Old NZDL usage logs

We have some old usage log files for the New Zealand Digital Library website, running the Greenstone Digital Library software.

The files can be found at nzdl-storage/puka-archive/nzdl.org/logs

The format of the log records is:

library_program IP_address  [ date ] (greenstone cgi args and their values ) " browser information"

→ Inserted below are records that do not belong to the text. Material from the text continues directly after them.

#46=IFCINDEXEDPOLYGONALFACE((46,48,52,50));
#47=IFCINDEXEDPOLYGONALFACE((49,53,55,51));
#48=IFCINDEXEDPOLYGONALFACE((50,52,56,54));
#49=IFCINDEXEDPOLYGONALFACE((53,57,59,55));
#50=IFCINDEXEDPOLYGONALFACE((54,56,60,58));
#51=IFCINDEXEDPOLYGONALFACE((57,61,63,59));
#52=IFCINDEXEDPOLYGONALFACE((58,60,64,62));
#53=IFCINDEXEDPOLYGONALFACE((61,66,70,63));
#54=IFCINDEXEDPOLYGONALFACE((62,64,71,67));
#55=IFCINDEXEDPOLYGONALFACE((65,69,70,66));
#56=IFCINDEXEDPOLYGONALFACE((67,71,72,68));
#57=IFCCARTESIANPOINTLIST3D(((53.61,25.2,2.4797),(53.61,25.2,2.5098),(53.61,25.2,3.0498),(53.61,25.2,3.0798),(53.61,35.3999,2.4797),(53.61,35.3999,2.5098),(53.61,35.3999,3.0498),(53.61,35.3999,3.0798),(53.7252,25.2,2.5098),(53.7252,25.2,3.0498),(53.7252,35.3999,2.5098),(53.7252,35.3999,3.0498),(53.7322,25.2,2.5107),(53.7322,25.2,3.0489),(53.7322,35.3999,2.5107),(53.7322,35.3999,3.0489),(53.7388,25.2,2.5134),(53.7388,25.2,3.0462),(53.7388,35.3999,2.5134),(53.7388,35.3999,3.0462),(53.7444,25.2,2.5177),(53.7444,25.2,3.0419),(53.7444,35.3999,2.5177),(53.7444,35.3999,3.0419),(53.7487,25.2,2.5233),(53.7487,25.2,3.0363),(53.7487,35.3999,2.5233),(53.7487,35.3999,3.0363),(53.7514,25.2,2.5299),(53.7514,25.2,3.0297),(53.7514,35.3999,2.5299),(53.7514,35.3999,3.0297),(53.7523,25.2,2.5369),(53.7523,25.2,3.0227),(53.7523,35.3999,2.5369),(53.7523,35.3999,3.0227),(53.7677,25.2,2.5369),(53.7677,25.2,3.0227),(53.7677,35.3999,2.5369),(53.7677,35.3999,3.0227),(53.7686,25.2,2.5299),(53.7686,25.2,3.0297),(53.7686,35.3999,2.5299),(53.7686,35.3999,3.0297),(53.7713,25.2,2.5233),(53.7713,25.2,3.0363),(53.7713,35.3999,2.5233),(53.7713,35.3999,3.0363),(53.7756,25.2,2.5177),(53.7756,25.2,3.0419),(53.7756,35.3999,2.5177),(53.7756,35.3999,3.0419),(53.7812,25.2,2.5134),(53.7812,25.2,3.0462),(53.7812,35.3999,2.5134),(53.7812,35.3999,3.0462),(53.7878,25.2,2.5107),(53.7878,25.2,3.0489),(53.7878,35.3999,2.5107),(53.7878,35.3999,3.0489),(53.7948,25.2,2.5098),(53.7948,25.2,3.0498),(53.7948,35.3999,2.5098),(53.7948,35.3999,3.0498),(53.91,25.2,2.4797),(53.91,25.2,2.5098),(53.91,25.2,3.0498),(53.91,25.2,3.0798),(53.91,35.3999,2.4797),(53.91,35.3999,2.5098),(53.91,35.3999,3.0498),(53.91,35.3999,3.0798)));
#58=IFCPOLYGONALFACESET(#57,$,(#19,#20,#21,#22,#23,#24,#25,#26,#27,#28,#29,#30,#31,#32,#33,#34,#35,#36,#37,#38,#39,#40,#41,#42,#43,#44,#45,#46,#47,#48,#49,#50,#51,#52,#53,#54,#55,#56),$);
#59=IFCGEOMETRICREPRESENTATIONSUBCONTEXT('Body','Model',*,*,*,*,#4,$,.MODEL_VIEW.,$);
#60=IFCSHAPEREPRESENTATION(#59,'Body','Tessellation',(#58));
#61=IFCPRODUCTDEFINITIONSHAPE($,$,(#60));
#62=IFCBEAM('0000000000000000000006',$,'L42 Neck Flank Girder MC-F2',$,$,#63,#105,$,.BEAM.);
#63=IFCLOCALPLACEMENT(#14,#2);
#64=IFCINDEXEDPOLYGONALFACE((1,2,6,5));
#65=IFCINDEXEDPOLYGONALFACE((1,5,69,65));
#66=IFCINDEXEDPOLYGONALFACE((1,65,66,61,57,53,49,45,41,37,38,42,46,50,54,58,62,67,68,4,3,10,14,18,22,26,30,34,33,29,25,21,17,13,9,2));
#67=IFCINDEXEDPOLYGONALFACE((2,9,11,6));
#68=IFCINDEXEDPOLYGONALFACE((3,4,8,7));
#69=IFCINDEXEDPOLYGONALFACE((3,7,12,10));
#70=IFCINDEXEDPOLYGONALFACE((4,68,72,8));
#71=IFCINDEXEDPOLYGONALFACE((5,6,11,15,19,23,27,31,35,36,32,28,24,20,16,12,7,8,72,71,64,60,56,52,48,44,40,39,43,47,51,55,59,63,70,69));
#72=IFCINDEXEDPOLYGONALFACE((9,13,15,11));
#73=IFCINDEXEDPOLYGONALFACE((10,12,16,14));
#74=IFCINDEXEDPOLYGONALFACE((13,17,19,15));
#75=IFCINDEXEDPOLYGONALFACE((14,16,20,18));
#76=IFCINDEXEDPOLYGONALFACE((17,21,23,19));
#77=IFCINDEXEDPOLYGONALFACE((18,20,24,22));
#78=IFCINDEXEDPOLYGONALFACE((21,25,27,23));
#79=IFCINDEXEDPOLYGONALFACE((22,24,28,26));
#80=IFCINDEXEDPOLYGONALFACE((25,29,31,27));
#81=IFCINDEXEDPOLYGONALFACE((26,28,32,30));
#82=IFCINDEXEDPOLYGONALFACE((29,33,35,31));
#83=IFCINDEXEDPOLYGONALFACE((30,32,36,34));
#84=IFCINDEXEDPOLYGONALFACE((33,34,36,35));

The IP addresses have been anonymized in a consistent manner, so that session tracking is available without user identification.

log filesizedates covered
usage 115.0 MMar 13, 2000 – Jun 21, 2001
usage 24.6 MJun 21, 2001 – Aug 10, 2001
usage 33.8MAug 10, 2001 – Oct 10, 2001
usage 45.5 MOct 10, 2001 – Dec 19, 2001
usage 53.9 MDec 19, 2001 – Mar 25, 2002
usage 68.7 MMar 25, 2002 – Oct 25, 2002
latest6.8 MApr 2, 2003 – Sep 31, 2003

Some points to note:

  • Logging started on March 13 2000.
  • Hits from cs.waikato.ac.nz are included so some stats might be affected slightly by use while testing.
  • Some stats will be affected quite a lot by users web browser's caching pages. That is, if a user has caching turned on (most will) then they could visit the same page many times while only creating a single entry in the log (for the first time). If caching wasn't in effect they'd create an entry for each return visit.
  • The cookies we use to identify unique users are useful but may not be completely accurate. Users with cookies turned off will appear as a different user for each hit they make. Other users might clear their cookies regularly so appear as a different user each time they return to the site. We can probably assume that the cookie data is correct for most normal users though.
  • Users who bookmarked the site will produce weird results if the greenstone arguments were changed since the bookmark was created (as it quite often is). An example of this is where the language value appears to have sometimes been set to incorrect values (like "20" or "00"). This is a case of the arguments being screwed up and the wrong value being assigned to the argument. Note that this won't effect only the language argument. Most of the arguments will be bogus for these entries. These bogus entries should make up a fairly insignificant proportion of the total however.
  • There is a large gap in the logs between Oct 25 2002 and April 2 2003.
  • There is a smaller gap in the logs between Dec 21 2000 and Jan 29 2001.
  • There are a few entries with dates in 1999. These probably occured at some point when the clock was wrong on the server.
  • Over time there will be lots of short term server errors like the above where things have gone wrong for a few weeks before anyone noticed. Examples are when the disk becomes full so the log file can't be added to (this probably accounts for the gap in January 2001). There may be other gaps.